# Blind Becky......almost lost.



## Sheepshape (Apr 1, 2017)

I'll post pics. when I can.

Becky was born 12 days ago. Her brother thrived, Becky was never able to find momma's teats. She cried incessantly, then became a bottle baby for real....never able to find momma's teats.?Brain damage ?Blind
?Both.

Becky has done well in the orphan bay in the shed. She knows her 'brothers and sisters' by smell, I guess.

Becky feeds well...as long as bottle is offered to her.

Today, Becky and her crew went out into the field as it was a warm and sunny afternoon and they needed to know what a field was.

I discovered another ewe had lost a lamb (never found) and her remaining lamb was ill....so into the shed with them.

Out to see how the orphans are managing......no Becky. The I spotted her......in the water supply....nose only just above the surface....seriously hypothermic.  Into the house, dried, hot water bottles, lamb lamp etc. She was gasping,initially not shivering, probably moments from death, but an hour of  'ICU' and she's back with us.

The future? Oh heck.....she's mine, I'll keep her. She'll have a life.....I hope it's as easy as it can be for her.


----------



## Latestarter (Apr 1, 2017)

Awwwwwww..... So glad you found her before she drowned. Sounds like she's going to be a constant work for you.
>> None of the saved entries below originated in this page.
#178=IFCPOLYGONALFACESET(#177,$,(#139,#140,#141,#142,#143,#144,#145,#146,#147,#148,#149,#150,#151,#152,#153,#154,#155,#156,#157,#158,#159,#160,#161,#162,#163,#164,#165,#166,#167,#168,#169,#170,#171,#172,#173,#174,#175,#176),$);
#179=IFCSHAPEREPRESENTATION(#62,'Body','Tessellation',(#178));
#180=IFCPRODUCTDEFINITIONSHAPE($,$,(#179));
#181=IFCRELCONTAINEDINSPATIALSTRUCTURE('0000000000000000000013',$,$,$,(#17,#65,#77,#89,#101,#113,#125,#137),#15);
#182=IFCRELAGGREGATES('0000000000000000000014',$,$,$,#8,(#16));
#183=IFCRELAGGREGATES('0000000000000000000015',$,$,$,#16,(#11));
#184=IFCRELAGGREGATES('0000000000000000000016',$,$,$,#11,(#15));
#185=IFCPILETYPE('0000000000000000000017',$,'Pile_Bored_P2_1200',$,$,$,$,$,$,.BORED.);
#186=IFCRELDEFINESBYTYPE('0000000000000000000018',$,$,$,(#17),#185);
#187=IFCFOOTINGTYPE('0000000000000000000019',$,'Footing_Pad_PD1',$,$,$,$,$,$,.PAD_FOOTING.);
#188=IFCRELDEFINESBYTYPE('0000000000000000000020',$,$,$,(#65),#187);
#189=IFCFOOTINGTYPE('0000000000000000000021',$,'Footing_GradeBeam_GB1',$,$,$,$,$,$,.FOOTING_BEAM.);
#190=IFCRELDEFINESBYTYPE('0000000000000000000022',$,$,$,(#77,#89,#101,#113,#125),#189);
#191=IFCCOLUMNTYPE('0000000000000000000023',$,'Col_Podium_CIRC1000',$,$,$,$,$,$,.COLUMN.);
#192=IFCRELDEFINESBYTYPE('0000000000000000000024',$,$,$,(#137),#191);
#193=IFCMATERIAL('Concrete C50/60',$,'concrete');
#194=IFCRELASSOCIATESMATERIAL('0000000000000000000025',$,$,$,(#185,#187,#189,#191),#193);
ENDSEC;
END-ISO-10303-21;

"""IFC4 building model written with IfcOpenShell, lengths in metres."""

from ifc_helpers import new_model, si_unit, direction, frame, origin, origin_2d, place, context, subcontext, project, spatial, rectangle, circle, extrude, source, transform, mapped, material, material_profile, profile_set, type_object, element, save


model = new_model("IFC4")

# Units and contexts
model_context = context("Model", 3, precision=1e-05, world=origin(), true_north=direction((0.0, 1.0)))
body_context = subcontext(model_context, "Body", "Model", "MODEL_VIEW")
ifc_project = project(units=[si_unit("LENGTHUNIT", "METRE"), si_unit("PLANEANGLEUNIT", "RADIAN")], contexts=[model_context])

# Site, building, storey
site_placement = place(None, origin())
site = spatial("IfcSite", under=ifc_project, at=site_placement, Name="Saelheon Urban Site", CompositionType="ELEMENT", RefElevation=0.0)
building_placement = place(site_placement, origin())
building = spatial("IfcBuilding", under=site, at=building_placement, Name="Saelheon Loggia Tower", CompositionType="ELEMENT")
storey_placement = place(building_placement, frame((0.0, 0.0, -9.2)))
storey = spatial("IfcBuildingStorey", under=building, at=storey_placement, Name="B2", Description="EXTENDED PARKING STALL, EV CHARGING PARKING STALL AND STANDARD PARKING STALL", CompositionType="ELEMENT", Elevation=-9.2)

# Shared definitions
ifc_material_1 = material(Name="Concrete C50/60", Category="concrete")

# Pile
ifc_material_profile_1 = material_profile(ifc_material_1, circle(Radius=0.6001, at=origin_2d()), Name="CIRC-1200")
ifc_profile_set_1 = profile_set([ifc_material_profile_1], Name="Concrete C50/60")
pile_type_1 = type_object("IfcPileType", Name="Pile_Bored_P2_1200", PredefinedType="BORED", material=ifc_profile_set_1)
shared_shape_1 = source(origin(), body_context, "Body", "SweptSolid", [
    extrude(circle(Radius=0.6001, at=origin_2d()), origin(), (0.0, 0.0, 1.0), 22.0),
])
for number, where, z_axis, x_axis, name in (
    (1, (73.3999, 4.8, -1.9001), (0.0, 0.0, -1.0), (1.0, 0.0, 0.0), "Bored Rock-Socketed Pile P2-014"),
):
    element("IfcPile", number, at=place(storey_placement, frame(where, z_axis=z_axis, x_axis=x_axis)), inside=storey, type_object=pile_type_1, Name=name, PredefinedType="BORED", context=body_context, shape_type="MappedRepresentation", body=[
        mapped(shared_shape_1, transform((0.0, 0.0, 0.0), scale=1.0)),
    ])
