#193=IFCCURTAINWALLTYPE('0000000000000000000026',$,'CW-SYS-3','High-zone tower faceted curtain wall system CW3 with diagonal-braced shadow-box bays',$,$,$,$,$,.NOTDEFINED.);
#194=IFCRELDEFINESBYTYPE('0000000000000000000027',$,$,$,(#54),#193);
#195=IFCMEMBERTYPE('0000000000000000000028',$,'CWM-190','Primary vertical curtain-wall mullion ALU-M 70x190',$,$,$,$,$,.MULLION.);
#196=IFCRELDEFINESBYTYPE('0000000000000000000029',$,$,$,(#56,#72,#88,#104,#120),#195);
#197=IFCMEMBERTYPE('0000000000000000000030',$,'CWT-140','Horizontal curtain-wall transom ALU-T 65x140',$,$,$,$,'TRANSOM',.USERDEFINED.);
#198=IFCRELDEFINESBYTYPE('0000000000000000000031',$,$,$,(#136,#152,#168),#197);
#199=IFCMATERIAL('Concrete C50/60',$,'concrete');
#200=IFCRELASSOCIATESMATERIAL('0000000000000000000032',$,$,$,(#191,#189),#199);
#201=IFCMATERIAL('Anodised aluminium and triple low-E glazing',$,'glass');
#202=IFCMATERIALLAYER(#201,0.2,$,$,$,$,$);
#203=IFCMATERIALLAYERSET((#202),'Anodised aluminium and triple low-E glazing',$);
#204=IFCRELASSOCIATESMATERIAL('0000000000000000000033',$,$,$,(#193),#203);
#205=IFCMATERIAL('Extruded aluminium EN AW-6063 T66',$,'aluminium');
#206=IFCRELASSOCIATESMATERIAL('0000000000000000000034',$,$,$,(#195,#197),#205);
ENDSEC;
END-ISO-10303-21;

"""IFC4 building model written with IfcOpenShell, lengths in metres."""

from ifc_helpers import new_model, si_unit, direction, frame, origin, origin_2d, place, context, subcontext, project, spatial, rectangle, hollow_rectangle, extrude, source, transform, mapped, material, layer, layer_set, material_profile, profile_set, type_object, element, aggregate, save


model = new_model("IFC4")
Hope the other ill lamb makes it and sorry you lost the one (that you found), so at least now you know what happened to it.


----------



## norseofcourse (Apr 1, 2017)

I'm glad you got to Becky in time, and hope the other lamb gets well.


----------



## samssimonsays (Apr 1, 2017)

Awe I'm so glad the outcome was ok!


----------



## Sheepshape (Apr 2, 2017)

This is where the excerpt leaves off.